В прозе молодые авторы создают миры непродуманной и непроработанной фантастики и фэнтези. Сделать это качественно молодые авторы не в состоянии по этой же причине из-за нежелания обратиться к реальности. Ведь для выстраивания собственного ирреального мира необходимо обладать критическим мышлением и понимать законы функционирования мира реального. Хотя бы частично.
Позитивизм
Новое поколение – позитивисты, они не любят расстраиваться, не хотят думать о плохом, считают, что если ты настроен негативно, то это притянет в твою жизнь дурные события. Но их позитивное это не тяжкая попытка найти свет в темных сторонах жизни или путём проб и ошибок выйти из травмирующей ситуации, нет. Это очередной игнор.
Они просто переключаются на другое. Например, на просмотр забавного контента, и глубокого осмысления реальности от автора этого контента уже не требуется. По мнению Джоэла Штайна, это приведёт к тому, что читатель будет требовать от текста коучинга, повышения мотивации и подчёркнутой позитивности. Естественно, в таких условиях трансформируется и сама литература, утратив привычную жанровую систему и превратившись в короткие исповедальные посты в соцсетях о том, как автор смог и что он преодолел. Я замечаю это на своих постах - больше всего лайков набирают рассказы о том, как было плохо, но я постаралась, и стало хорошо. Плохо ли это для литературы? Да. Потому что это не просто форматное требование – это определённая отупляющая идеология.
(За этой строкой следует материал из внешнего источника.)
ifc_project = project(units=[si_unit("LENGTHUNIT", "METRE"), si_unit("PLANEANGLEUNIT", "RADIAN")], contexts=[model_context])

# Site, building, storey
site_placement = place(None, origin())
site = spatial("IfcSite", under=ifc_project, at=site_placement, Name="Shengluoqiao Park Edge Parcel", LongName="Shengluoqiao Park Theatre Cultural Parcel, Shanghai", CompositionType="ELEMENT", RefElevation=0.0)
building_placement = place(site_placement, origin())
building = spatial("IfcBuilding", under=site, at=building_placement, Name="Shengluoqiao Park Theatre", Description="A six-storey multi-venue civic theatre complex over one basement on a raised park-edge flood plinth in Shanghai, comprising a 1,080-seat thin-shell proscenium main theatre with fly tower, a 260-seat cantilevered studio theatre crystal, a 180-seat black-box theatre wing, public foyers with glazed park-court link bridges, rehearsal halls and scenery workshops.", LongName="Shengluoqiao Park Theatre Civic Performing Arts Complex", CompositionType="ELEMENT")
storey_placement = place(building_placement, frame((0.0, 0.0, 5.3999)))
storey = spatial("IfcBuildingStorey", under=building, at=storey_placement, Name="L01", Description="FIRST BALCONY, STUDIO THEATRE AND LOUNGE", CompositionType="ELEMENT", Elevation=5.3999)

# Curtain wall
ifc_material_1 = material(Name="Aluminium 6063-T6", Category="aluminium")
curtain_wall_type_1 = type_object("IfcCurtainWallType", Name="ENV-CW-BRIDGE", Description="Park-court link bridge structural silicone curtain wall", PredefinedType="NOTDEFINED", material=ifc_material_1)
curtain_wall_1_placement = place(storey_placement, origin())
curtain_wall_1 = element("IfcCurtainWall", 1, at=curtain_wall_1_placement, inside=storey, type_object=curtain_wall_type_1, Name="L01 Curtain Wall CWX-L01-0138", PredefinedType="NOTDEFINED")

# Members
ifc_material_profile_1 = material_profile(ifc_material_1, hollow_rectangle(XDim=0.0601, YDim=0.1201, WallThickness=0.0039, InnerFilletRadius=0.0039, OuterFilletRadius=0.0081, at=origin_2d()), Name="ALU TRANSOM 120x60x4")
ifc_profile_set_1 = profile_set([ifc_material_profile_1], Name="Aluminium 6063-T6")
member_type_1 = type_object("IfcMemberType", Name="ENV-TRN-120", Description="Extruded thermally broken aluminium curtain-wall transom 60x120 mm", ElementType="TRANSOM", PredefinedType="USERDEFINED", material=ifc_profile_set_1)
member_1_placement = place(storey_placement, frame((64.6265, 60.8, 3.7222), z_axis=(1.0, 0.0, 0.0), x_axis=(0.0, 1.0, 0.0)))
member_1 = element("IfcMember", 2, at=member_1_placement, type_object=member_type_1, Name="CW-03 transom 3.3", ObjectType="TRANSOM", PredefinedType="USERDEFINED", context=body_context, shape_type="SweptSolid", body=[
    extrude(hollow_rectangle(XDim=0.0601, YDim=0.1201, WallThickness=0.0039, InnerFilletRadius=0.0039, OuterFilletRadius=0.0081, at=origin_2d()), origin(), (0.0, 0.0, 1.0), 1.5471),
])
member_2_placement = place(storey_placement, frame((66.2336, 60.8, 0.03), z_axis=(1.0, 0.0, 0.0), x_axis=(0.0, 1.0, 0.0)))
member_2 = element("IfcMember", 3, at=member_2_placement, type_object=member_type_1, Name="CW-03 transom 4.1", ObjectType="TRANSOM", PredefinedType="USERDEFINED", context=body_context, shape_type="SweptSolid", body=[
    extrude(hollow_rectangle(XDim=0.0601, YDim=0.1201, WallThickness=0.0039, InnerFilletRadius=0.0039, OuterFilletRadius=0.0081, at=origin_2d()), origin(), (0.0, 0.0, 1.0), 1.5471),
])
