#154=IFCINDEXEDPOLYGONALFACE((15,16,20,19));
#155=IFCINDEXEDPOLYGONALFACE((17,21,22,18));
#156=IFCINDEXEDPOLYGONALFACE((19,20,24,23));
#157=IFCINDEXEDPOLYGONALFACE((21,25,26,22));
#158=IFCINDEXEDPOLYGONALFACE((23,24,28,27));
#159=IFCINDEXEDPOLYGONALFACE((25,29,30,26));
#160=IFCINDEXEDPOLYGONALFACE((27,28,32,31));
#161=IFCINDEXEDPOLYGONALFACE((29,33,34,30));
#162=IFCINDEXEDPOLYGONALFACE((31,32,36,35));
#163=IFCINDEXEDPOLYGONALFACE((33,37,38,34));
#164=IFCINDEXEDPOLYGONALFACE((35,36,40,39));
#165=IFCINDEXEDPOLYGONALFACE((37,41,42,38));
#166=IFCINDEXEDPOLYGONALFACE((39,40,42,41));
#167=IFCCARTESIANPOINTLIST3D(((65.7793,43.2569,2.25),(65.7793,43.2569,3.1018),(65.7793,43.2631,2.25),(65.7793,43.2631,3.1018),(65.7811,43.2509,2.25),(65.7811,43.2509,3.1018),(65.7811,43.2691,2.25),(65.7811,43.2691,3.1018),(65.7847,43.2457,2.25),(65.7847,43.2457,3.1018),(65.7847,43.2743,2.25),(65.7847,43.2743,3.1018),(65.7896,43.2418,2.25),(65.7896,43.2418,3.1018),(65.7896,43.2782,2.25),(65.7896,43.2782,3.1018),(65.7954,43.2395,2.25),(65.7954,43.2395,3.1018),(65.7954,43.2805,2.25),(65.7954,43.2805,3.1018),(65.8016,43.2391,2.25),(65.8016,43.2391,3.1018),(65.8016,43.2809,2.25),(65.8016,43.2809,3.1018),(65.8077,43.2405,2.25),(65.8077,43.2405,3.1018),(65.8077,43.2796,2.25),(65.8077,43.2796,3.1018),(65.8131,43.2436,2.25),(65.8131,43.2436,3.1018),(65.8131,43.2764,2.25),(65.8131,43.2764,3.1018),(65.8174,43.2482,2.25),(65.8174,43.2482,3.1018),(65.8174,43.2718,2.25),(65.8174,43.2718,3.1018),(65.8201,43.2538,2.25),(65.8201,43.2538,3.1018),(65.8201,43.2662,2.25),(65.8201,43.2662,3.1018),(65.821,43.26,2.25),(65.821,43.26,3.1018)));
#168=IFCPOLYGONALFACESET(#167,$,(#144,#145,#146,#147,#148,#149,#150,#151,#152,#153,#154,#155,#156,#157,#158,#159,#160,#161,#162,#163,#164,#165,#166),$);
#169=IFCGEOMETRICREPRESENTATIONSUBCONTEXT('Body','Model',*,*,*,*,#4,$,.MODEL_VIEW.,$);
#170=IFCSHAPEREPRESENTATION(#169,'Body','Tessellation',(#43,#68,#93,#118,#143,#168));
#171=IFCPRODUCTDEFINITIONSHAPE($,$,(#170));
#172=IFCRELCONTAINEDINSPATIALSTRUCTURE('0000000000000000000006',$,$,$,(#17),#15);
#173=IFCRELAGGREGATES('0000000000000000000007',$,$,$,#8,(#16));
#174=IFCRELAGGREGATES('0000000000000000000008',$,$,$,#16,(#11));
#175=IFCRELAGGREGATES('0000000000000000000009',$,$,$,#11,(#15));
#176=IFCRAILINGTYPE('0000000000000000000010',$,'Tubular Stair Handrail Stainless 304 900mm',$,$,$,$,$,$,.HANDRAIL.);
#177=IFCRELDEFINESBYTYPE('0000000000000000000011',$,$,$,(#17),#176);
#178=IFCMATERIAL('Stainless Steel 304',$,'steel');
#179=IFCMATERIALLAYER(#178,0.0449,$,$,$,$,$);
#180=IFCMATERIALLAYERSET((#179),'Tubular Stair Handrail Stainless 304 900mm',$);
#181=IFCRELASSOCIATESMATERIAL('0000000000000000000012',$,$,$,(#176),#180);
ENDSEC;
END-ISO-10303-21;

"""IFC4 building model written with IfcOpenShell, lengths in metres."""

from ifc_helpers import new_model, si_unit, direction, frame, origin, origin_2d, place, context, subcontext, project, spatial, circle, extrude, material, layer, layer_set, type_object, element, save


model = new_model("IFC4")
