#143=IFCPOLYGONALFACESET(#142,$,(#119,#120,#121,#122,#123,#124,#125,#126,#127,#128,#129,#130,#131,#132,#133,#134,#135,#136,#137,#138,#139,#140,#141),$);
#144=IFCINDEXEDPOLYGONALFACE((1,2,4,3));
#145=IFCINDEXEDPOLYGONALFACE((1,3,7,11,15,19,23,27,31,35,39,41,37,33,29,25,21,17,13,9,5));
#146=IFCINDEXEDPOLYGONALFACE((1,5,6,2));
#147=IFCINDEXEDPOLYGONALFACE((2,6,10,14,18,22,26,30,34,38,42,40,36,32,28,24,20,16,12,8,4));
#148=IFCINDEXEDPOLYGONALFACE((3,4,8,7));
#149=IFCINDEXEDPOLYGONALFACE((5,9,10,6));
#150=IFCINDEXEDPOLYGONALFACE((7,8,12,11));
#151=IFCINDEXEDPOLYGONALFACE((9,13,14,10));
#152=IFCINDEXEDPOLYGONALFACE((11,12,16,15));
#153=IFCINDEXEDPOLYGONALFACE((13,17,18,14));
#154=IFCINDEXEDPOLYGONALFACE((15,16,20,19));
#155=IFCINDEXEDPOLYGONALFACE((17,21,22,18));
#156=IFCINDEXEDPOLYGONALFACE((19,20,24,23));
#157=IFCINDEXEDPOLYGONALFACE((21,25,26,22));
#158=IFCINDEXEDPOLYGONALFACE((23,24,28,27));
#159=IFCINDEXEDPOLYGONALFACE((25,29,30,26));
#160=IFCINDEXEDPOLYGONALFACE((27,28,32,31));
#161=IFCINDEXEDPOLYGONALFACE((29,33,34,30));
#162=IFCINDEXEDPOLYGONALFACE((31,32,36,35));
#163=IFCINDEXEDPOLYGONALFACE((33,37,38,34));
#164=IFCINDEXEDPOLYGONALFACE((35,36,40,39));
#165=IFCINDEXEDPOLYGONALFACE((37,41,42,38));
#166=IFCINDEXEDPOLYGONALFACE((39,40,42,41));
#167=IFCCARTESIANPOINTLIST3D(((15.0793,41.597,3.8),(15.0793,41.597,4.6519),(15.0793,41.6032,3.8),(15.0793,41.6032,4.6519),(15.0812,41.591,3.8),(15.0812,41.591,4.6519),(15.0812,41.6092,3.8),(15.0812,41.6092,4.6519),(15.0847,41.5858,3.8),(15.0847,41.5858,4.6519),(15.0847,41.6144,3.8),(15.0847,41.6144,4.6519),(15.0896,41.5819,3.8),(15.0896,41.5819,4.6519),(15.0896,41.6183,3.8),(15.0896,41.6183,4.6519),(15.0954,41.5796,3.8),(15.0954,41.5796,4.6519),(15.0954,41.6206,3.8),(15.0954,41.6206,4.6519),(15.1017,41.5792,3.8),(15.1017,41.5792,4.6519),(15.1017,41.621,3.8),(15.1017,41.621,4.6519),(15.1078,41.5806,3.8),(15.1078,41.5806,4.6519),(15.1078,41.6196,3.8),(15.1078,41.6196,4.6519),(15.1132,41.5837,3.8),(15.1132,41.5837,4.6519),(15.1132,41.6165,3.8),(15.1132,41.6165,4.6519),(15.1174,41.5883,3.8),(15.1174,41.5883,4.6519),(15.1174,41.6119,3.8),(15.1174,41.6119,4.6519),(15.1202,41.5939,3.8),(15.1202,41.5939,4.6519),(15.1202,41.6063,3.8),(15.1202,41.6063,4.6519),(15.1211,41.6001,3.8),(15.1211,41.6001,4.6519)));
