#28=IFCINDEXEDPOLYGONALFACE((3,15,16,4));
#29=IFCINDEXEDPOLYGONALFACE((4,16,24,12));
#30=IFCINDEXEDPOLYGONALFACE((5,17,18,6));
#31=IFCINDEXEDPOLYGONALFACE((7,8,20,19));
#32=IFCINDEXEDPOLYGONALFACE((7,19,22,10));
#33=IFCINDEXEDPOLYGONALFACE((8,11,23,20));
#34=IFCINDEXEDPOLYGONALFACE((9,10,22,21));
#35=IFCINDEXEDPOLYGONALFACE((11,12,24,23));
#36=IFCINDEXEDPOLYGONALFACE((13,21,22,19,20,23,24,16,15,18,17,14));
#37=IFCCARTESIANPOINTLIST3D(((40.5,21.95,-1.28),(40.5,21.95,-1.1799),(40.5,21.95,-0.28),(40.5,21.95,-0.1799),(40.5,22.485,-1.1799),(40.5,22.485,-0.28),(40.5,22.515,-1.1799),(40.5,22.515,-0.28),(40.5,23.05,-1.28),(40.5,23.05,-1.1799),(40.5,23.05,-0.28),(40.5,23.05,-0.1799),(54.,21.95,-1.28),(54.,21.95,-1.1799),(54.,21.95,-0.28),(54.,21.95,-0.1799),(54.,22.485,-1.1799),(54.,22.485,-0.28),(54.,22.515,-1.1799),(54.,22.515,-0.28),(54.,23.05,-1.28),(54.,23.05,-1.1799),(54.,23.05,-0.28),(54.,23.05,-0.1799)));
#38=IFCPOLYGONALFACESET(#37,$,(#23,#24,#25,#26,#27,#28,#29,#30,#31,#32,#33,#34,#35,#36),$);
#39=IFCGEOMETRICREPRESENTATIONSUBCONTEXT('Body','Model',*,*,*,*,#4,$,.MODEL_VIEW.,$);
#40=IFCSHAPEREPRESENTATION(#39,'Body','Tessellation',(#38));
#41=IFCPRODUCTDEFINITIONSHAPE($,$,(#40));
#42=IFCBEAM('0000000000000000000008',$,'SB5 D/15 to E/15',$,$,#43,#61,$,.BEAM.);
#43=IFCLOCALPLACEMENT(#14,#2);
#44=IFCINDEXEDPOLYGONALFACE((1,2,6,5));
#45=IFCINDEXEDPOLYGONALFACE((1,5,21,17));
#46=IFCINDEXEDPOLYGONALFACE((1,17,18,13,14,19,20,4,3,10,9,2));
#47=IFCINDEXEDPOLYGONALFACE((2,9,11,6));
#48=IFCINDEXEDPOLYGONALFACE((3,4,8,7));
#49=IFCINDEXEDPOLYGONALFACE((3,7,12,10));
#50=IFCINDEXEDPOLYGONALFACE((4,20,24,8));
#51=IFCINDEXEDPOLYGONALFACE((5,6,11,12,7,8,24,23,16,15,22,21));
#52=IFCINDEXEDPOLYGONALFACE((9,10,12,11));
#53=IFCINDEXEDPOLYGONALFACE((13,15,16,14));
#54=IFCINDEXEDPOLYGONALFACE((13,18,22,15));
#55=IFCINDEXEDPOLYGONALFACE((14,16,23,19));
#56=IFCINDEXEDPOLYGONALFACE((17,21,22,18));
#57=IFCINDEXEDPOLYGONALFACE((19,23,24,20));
При этом массовая культура, которая теперь базируется на основах теории восприятия и психологических разработках, достигла очень высокого уровня технического развития. Она с помощью мелькания цвета и перепадов звука на животном уровне способна удерживать внимание воспринимающего сколь угодно долго. Вместе с том, целиком ориентированная на развлекательность, она утратила и всяческую смысловую обязательность. В этих условиях исчезнет социальная и психологическая составляющая, исчерпается интерес к человеку, уйдёт интеллектуальная наполненность, креативность и собственные идеи. А что останется?
Я не хочу призывать к панике и транслировать упаднические настроения, но не кажется ли вам, что всё это обязывает нас оторваться от тех проблем, которые мы решаем сейчас, объединиться и подумать о нашем будущем?